There are more of us than you think

The "official count" of the country's transgender population dramatically underestimates its size and composition. Part 4 of The Advocate's ongoing transgender series.

BY Joanne Herman

May 12 2006 12:00 AM ET

Next time you
find yourself in a crowd of 5,000 people, consider this: In
the crowd there will be on average one person living with
muscular dystrophy. There will also be on average two
people who have already undergone male-to-female
sex-reassignment surgery. And there may as many as 75
in that crowd who fall under the transgender umbrella. Are
you surprised?

For years, the
only statistics available on transgender prevalence were
those first developed in the 1960s and 1970s. These
statistics, as still cited in the American Psychiatric
Association’s most recent Diagnostic and
Statistics Manual,
DSM-IV, “suggest
that roughly one per 30,000 adult males and one per 100,000
adult females seek [sex-reassignment surgery].”

Thank goodness
Lynn Conway could not believe these low numbers. Lynn is a
noted computer scientist and distinguished professor emerita
of engineering who transitioned from male to female in
the 1960s and then lived “stealth,” or
closeted about her transgender status, before coming
out in 2000 (more about “stealth,” and Lynn,
in upcoming columns). Shortly after her coming-out,
Lynn turned her highly analytical brain toward
understanding the statistics.

Her skepticism
was based on simple reasoning. If the psychiatrists were
right, there would be only three or four thousand MTFs in
the United States who had ever sought surgery. Under
the optimistic assumption that only 20% or so would
have been able to afford or attain surgery, there
would be fewer than 800 postoperative women in the country
today.

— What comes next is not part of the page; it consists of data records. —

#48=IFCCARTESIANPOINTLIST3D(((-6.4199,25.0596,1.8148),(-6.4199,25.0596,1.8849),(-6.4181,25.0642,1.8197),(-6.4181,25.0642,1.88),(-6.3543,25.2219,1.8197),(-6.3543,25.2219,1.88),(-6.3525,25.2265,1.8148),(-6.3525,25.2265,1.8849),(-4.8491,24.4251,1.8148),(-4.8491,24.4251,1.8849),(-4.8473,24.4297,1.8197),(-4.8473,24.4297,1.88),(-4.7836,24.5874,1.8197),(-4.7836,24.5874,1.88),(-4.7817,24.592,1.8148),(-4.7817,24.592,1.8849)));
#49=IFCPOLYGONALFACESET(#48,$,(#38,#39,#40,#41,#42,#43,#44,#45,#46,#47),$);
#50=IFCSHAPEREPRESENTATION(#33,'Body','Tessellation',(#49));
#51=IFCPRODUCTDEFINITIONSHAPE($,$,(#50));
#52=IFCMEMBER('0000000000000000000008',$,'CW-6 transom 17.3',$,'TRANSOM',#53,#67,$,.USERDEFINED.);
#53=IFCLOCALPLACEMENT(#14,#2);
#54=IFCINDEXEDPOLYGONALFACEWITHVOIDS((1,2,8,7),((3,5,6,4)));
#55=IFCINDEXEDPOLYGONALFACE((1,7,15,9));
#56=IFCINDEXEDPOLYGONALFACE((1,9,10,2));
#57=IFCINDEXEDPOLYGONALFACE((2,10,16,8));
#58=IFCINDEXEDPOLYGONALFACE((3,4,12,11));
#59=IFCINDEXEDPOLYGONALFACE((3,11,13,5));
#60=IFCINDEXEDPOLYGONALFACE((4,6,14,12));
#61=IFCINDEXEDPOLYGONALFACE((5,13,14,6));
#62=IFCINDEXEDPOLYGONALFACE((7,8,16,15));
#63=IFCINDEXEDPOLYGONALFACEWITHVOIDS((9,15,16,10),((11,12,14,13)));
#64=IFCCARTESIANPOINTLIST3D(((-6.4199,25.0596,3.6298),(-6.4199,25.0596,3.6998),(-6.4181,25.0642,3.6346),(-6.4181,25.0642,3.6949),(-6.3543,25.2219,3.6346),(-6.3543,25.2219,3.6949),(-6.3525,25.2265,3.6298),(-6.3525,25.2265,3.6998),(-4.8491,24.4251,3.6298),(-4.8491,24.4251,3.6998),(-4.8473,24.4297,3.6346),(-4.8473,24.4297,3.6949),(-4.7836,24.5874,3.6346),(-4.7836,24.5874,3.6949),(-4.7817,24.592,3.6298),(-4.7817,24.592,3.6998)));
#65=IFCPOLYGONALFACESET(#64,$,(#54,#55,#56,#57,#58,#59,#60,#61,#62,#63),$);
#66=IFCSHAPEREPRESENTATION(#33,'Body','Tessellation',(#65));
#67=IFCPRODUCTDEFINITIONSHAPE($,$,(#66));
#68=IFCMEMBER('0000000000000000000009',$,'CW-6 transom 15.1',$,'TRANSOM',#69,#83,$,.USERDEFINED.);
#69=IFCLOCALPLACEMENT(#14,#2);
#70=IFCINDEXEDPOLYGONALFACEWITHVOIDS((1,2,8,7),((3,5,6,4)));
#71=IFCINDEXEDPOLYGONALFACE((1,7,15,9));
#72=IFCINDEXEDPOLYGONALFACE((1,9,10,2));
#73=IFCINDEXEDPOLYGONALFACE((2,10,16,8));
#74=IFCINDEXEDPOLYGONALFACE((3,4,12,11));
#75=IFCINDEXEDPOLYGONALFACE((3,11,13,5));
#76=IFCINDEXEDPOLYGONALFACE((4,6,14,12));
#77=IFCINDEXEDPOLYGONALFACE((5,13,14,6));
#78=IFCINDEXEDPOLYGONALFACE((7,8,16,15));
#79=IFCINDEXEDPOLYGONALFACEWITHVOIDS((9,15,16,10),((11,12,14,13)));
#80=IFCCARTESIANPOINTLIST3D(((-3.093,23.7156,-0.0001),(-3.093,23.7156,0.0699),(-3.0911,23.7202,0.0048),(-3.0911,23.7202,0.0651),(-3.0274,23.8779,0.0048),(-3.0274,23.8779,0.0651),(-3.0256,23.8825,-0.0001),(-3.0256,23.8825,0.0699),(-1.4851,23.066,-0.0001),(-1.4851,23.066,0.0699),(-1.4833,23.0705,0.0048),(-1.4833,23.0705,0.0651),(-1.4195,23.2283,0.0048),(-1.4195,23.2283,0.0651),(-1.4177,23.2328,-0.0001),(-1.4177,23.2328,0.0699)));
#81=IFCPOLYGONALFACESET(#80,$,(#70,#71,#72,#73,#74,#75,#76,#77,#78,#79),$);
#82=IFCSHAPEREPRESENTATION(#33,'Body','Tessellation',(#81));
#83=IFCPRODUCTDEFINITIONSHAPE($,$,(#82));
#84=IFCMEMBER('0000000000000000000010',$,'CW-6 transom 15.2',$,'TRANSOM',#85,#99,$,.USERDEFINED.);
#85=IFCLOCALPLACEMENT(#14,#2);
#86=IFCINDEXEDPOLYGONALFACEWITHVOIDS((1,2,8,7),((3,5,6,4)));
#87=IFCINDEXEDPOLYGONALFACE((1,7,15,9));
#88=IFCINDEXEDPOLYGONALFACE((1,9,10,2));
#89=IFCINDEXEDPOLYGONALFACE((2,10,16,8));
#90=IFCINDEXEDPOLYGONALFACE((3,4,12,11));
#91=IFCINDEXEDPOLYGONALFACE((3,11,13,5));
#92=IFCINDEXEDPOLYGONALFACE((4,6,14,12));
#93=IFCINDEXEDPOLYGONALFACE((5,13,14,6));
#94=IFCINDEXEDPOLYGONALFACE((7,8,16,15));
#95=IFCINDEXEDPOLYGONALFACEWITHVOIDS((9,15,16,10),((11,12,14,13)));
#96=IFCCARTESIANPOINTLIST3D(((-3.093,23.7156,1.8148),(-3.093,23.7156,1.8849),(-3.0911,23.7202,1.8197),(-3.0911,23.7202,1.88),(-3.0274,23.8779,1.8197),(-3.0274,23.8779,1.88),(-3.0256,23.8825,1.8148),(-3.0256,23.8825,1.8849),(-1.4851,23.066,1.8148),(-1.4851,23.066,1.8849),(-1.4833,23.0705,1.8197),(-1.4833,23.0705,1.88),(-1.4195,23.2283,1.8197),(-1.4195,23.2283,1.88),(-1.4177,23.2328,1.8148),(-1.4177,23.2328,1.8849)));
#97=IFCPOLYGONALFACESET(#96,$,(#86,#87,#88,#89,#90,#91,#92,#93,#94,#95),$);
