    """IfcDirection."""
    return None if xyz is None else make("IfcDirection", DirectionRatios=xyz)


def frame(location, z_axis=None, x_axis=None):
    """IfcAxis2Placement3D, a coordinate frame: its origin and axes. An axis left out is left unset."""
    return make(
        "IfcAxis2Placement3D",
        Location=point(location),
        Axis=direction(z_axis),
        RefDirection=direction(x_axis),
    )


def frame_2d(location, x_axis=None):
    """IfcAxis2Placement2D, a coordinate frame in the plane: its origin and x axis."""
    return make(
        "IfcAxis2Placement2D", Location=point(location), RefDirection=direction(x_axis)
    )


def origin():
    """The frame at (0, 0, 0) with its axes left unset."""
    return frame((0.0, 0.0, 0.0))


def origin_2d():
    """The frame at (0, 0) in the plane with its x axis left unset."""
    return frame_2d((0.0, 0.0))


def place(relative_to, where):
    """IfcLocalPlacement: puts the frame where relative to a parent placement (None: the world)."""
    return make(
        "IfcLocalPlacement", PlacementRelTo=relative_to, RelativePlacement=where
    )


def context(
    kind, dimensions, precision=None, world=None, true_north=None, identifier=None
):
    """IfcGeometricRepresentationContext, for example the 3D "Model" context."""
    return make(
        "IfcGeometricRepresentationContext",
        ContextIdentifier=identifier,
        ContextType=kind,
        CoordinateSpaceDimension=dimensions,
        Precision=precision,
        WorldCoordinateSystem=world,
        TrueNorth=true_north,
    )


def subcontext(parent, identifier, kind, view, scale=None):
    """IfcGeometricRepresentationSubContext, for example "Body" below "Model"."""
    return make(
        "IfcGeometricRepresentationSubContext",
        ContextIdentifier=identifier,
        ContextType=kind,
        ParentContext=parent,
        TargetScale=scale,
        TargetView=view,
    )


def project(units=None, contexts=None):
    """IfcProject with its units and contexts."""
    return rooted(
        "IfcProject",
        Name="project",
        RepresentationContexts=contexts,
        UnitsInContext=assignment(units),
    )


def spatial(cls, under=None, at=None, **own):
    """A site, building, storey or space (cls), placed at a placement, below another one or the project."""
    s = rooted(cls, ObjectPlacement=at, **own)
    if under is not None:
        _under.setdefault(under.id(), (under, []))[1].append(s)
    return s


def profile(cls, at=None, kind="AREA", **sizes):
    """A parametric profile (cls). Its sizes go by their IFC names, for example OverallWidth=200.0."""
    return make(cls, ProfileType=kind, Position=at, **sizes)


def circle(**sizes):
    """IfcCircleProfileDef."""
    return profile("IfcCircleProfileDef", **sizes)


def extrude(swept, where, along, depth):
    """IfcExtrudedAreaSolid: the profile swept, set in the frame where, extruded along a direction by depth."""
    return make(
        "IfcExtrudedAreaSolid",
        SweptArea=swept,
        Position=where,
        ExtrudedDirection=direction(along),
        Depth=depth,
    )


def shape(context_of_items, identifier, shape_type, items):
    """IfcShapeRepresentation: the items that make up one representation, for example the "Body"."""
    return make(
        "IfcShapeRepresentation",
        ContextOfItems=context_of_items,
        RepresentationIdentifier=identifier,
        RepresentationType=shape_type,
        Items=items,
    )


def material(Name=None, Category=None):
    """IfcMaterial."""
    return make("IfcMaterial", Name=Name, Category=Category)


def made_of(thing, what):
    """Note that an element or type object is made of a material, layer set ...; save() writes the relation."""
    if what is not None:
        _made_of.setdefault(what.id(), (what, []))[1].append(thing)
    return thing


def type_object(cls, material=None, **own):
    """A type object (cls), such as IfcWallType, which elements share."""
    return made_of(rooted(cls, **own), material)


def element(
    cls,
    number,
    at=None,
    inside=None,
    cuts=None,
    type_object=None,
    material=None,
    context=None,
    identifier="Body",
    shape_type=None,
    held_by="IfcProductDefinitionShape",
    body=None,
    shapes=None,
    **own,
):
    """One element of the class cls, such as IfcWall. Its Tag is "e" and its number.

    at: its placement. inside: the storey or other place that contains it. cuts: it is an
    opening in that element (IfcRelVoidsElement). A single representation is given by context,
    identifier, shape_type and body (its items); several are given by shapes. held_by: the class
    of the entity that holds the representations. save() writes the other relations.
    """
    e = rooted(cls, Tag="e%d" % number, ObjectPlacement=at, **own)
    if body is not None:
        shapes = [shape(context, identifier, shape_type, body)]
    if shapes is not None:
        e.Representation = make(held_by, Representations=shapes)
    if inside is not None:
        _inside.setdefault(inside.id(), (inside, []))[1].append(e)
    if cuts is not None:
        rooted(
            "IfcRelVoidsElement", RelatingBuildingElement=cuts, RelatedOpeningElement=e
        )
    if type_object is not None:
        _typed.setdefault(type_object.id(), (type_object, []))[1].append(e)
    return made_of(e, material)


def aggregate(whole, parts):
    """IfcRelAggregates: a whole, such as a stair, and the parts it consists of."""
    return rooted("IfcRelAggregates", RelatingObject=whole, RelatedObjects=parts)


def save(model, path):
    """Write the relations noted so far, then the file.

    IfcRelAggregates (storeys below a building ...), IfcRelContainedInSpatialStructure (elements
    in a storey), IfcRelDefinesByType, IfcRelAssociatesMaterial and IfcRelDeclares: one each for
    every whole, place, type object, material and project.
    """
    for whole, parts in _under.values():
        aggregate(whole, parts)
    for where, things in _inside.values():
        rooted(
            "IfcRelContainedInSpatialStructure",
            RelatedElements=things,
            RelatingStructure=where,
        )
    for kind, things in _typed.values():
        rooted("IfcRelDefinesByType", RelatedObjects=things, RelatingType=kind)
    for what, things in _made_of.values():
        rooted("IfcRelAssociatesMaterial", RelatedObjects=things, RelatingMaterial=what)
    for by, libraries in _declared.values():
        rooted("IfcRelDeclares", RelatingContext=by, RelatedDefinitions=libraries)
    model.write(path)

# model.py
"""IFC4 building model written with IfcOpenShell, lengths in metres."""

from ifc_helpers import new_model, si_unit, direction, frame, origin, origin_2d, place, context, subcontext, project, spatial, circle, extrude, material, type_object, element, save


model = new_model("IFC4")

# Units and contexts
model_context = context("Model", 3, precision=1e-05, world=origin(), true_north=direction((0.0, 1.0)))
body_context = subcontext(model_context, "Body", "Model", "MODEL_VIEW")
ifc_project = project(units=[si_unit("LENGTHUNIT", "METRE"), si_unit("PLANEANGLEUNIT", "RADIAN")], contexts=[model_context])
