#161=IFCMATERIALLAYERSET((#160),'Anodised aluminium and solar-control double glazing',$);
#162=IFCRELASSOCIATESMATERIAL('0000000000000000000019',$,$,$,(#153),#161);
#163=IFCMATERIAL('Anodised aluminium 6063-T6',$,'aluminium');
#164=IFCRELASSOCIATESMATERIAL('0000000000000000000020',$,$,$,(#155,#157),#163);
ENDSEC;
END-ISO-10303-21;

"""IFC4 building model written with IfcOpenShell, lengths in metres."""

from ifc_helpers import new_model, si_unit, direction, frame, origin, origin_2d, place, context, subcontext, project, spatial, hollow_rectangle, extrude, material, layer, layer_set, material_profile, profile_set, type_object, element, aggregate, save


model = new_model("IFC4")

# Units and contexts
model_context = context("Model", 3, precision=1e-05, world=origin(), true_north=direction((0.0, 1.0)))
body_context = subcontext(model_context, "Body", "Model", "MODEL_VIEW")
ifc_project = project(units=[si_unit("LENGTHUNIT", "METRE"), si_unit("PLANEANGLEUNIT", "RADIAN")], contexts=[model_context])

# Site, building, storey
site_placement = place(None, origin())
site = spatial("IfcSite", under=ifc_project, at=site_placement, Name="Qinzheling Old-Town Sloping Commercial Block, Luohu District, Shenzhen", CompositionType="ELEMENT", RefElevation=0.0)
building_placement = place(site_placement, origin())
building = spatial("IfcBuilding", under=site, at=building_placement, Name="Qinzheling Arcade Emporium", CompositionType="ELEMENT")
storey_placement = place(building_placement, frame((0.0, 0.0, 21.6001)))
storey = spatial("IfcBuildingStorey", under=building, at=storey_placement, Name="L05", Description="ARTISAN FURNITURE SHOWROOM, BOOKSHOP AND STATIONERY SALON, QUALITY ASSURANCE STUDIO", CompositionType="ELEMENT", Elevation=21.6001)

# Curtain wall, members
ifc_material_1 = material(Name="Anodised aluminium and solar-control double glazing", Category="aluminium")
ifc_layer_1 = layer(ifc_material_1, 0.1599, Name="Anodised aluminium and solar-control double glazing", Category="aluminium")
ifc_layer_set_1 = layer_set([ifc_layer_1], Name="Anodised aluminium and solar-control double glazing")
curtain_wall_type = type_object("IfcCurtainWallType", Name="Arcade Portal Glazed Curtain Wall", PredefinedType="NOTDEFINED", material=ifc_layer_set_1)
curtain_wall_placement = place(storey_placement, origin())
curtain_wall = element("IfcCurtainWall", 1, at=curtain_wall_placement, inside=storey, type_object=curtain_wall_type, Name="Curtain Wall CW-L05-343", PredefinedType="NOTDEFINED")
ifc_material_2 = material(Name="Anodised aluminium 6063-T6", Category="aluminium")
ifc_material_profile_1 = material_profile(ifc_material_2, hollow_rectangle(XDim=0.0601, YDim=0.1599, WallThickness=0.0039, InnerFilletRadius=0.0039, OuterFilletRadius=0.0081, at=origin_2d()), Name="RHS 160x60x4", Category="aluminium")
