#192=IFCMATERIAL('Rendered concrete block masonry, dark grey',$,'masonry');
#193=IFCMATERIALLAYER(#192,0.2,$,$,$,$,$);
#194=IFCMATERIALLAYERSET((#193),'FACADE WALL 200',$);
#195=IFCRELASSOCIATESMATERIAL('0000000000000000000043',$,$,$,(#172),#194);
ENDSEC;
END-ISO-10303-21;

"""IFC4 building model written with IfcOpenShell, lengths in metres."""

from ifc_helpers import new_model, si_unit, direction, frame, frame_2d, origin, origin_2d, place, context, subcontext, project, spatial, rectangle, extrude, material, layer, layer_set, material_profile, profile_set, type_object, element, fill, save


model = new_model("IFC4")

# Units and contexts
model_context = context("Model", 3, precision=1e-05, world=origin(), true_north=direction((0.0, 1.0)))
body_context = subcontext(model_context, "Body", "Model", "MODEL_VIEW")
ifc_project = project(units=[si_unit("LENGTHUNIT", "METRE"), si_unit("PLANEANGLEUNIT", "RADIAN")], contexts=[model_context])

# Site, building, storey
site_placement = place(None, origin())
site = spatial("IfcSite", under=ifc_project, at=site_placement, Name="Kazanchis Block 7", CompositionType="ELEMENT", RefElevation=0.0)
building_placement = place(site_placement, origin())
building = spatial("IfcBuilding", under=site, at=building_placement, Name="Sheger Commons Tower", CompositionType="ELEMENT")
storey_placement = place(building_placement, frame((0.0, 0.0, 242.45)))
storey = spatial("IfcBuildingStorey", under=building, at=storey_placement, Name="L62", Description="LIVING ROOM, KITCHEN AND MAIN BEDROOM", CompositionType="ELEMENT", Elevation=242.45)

Impossible, she cried, given that the top
sex-reassignment surgery surgeons in the United States
alone perform that many MTF SRS operations every
single year.

Lynn then
extended her logic to come up with much more realistic and
believable numbers for transsexuals and then the entire
transgender population, revealing large errors in the
psychiatrists’ old claims. All of Lynn’s
reasoning and estimates are detailed on her tremendously
valuable Web site, www.lynnconway.com.

Why don’t
we have better “official numbers?” Lynn
postulates that (1) psychiatrists don’t
question the numbers because they don’t see the
significant number of transsexuals who manage to transition
without their “help,” and (2) because
more accurate numbers showing a much larger prevalence
would be bad for the psychiatry business—and its bias
toward marginalizing transsexualism as an extremely
rare “mental illness.”

So what about
statistics for female-to-male trans people? The old
official stats imply that there are less than a third as
many FTMs as MTFs. I used to believe that. After all,
when I first started attending transgender
conferences, the attendees were overwhelmingly individuals
presenting as females. And then one day, wanting to know
more about the seemingly elusive FTMs, I read Jamison
Green’s fabulous book, Becoming a Visible Man. 

James is a
charismatic (and handsome, even to this lesbian) writer and
activist who transitioned FTM in the late 1980s. In his
book, James states the obvious: FTMs were simply not
interested in the feminine grooming tips and female
hormones being discussed in conferences and support
groups that largely catered to MTF trans people. But gender
counseling providers assumed the groups had broader appeal
and that the men actually stayed away to be
self-sufficient like “other” men. This
became self-perpetuating when the professionals actively
told patients that men “like to go it
alone.”

James showed how
this thinking deprived FTMs of role models, and more
importantly of an awareness of just how many others were out
there. Fortunately the treatment of FTMs is much less
monolithic these days, and FTMs have learned that
“communication among men does not threaten their
independence.” There are now FTM-centric conferences
like True Spirit and Gender Odyssey, and FTMs are now
quite visible in the LGBT community and on college
campuses across the country. Current thinking is that the
prevalence of FTMs is much closer to the prevalence of MTFs.

But my fellow
trustees at the Point Foundation are convinced that there
are considerably more FTMs. We award scholarships to
undergraduate and graduate students whom we feel will
be the LGBT leaders of tomorrow. Our evaluation
process is rigorous. That process has resulted in seven of
the 77 scholarships to date going to transgender
students, and all seven of them were FTMs. This year I
personally reviewed the applications from all of the
transgender students, and I was stunned to see that well
over 80% were from FTMs. Where are all the MTFs?

I asked Lynn
Conway, who as a professor emerita spends a fair amount of
time on college campuses, for her take on this. Lynn points
out that while accepting of girls who present as
“tomboys,” our society still has
incredibly deep hang-ups about boys presenting in a feminine
way. This stigmatization results in an alarming number
of young MTF kids being thrown away or disowned by
their parents, even before they reach college age.

Of the MTFs who
do manage to enter college, the vast majority remain
totally closeted so as to avoid ostracism. Lynn also notes
that some campus LGBT offices remain dominated by
second-wave feminist thinking, which tends to look
askance at anyone who appears to them to preserve
feminine stereotypes. Although such offices may honor the
FTM in transition, they often aren’t places
where young MTFs feel welcome, leading to a big
asymmetry in visible numbers on campuses.

It is situations
like this that limit awareness of the size of the
transgender population. There actually are a lot of us, and
only when the transgender stigma finally crumbles will
everyone finally see all of us.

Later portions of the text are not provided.